The first of the concerts, at the Palm Springs Drive-in a few miles north of town, began nearly an hour late (at 7 p.m.) as the sun and a gritty desert wind were replaced by a full moon and a rapidly chilling still air.

Before Procol Harum came on, Timothy Leary was introduced. “Keep it going, smoke it, get it on,” he said, giving the peace sign, smiling, splitting. Procol Harum’s sustained organ chords occasionally caused one’s teeth to ache, but when the pianist-vocalist, Gary Brooker, pointed at the Navy-blue sky and the quartet slipped into “Also Sprach Zarathustra” (popularized in 2001: A Space Odyssey), the audience had been won.

Mayall came on nearly an hour after the concert was to have ended, played one tune, and then two cops appeared on stage. Suddenly, in the middle of the song, the switch was thrown. Thousands of young people rushed forward, shouting disapproval. The electricity was turned on again and the concert resumed. (Blues Power.) Mayall ended happily and peacefully.

Damage to the theater was extensive, but injuries were minor and incidents few and less malicious than what would come the following night. The stage had been set up at home base; the audience was sprawled over the infield, with scattered picnic – like parties dotting left, right and center fields.

Ike and Tina Turner made their well-rehearsed entrance (with one of the Kings of Rhythm, all of whom were dressed in matching chartreuse outfits, providing the Vegas-lounge-like patter and introductions), and the concert’s musical pace doubled, then tripled. The Ikettes pranced into view in mini-skirts and shook their bottoms and sang. Tina, the sexiest woman in rock and roll, next boogalooed into sight and sang “Son of a Preacher Man,” “I’ve Been Loving You” and talked-and-sang “Respect,” telling a long, funny story about how guys and chicks cheat on each other. Then everybody came in on “River Deep, Mountain High.”

Overhead the police helicopter was circling and the other side of the ball park walls the cops and kids were busy hating each other. Most of those present didn’t even react when it was announced there had been incidents nearby. It was two different worlds. Savoy Brown, by its last number had everyone present standing, shaking.

But another of the long breaks between acts which had marred the festival intruded and it was nearly half an hour before the Buddy Miles Express got set up. (In this case, poor organization on the part of the concert promoters was worsened by violence on the outside and Miles’ drums hadn’t arrived.)

At the end of the Miles set, hundreds were flaked out in sleeping bags, having lazy pillow fights, casually toking down in the infield, as someone wandered through the crowd distributing leaflets advertising an upcoming concert in Orange County. When the MC introduced Canned Heat, everyone ran for the stage.

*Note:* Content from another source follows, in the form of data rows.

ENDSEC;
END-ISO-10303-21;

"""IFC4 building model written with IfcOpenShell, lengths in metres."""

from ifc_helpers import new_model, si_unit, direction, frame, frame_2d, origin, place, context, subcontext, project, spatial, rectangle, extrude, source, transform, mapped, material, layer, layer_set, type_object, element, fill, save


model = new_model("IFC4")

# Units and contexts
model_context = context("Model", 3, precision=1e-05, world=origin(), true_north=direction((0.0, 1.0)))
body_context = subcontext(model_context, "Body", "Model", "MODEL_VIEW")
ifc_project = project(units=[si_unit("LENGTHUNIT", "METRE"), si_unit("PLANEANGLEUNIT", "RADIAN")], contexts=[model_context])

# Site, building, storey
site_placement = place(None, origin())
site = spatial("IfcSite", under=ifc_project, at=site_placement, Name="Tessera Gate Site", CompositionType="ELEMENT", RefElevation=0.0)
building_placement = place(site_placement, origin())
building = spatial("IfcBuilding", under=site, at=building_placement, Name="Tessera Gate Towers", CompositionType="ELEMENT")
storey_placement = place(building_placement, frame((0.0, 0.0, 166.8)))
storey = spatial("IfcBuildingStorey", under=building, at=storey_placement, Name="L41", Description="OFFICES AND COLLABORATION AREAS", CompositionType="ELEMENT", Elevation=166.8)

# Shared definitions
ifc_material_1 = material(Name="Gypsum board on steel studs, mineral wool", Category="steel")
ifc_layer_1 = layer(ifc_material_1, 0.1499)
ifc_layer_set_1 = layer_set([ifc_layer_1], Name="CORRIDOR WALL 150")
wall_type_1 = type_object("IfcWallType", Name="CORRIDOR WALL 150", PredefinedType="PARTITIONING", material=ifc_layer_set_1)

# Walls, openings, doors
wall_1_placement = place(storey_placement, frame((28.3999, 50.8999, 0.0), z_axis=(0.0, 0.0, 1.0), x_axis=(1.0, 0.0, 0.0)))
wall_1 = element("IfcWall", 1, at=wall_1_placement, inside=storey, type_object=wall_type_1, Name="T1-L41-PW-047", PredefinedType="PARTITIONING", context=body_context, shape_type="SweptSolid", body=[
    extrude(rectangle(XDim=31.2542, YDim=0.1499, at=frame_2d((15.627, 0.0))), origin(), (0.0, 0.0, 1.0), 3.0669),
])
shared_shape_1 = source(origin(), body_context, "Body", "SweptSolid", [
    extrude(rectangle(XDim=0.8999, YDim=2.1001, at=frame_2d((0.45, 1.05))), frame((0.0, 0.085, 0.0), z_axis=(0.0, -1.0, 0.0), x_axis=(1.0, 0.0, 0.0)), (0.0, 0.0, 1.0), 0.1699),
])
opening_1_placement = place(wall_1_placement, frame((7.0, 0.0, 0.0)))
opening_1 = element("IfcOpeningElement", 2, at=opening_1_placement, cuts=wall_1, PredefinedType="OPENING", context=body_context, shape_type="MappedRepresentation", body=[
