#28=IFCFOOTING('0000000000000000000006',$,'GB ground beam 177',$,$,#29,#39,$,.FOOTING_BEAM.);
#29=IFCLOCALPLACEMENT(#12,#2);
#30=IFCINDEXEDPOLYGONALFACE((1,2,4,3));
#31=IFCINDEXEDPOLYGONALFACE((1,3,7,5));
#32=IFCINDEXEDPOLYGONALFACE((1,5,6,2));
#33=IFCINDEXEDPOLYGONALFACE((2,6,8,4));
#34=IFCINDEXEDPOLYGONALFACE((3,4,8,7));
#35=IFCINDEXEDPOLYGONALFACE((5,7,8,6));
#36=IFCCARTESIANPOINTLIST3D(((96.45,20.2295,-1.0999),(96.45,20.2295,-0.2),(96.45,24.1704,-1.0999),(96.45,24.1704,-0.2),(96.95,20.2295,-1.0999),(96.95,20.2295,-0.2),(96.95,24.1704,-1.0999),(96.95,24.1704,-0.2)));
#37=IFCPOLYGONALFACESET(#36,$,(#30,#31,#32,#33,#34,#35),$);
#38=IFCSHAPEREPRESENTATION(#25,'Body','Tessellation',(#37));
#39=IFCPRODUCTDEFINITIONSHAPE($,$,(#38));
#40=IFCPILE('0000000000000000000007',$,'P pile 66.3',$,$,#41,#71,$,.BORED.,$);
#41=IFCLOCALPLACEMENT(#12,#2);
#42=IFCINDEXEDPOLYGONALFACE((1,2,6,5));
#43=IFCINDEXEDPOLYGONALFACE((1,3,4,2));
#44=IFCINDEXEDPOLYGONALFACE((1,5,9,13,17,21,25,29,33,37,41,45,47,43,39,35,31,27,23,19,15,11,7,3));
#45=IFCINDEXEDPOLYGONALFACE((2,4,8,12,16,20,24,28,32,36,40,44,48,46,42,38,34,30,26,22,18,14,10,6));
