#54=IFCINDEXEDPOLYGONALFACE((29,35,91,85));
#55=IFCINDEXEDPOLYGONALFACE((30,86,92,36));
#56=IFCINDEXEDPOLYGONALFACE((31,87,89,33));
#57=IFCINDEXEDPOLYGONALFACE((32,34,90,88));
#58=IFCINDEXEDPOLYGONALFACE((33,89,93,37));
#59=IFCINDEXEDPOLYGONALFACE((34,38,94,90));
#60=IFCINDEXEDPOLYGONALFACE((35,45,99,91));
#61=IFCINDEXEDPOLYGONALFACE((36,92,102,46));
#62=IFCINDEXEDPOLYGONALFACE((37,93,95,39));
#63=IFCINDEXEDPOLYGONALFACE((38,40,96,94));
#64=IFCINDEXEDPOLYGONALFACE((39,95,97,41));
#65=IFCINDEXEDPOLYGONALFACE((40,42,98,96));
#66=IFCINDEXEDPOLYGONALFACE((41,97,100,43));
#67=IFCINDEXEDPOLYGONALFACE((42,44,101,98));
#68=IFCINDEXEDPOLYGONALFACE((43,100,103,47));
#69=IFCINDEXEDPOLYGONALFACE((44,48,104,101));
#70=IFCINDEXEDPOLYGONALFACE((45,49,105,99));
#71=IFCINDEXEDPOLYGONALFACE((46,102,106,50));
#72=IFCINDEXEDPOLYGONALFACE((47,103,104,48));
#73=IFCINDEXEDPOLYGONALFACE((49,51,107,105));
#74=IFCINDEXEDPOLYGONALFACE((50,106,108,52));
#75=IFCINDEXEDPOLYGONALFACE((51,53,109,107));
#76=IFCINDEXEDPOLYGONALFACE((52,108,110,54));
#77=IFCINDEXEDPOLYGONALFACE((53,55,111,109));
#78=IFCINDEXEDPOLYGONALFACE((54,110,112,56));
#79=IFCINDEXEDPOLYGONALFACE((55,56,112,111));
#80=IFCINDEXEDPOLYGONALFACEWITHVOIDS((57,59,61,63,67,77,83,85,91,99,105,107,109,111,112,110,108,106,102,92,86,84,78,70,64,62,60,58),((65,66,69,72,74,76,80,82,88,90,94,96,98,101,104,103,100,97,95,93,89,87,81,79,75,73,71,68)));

Following the band’s first number, 15 minutes before the scheduled midnight shut-off time (which had been extended the night before), Bob “The Bear” Hite, Canned Heat’s vocalist, made a brief announcement: “We’re gonna do something now that we’d planned to do later. Y’see, I understand we might have a power failure soon, so we’re gonna boogie now.”

Which is what the thousands remaining in the stadium did. They boogied. Outside, 200 cops in riot helmets stood sipping soft drinks, gossiping quietly, waiting for something else to happen. Not far away, other cops stood guard near the partially destroyed service station. In Desert Hospital, doctors were refusing to identify their new patients or say how serious the injuries were.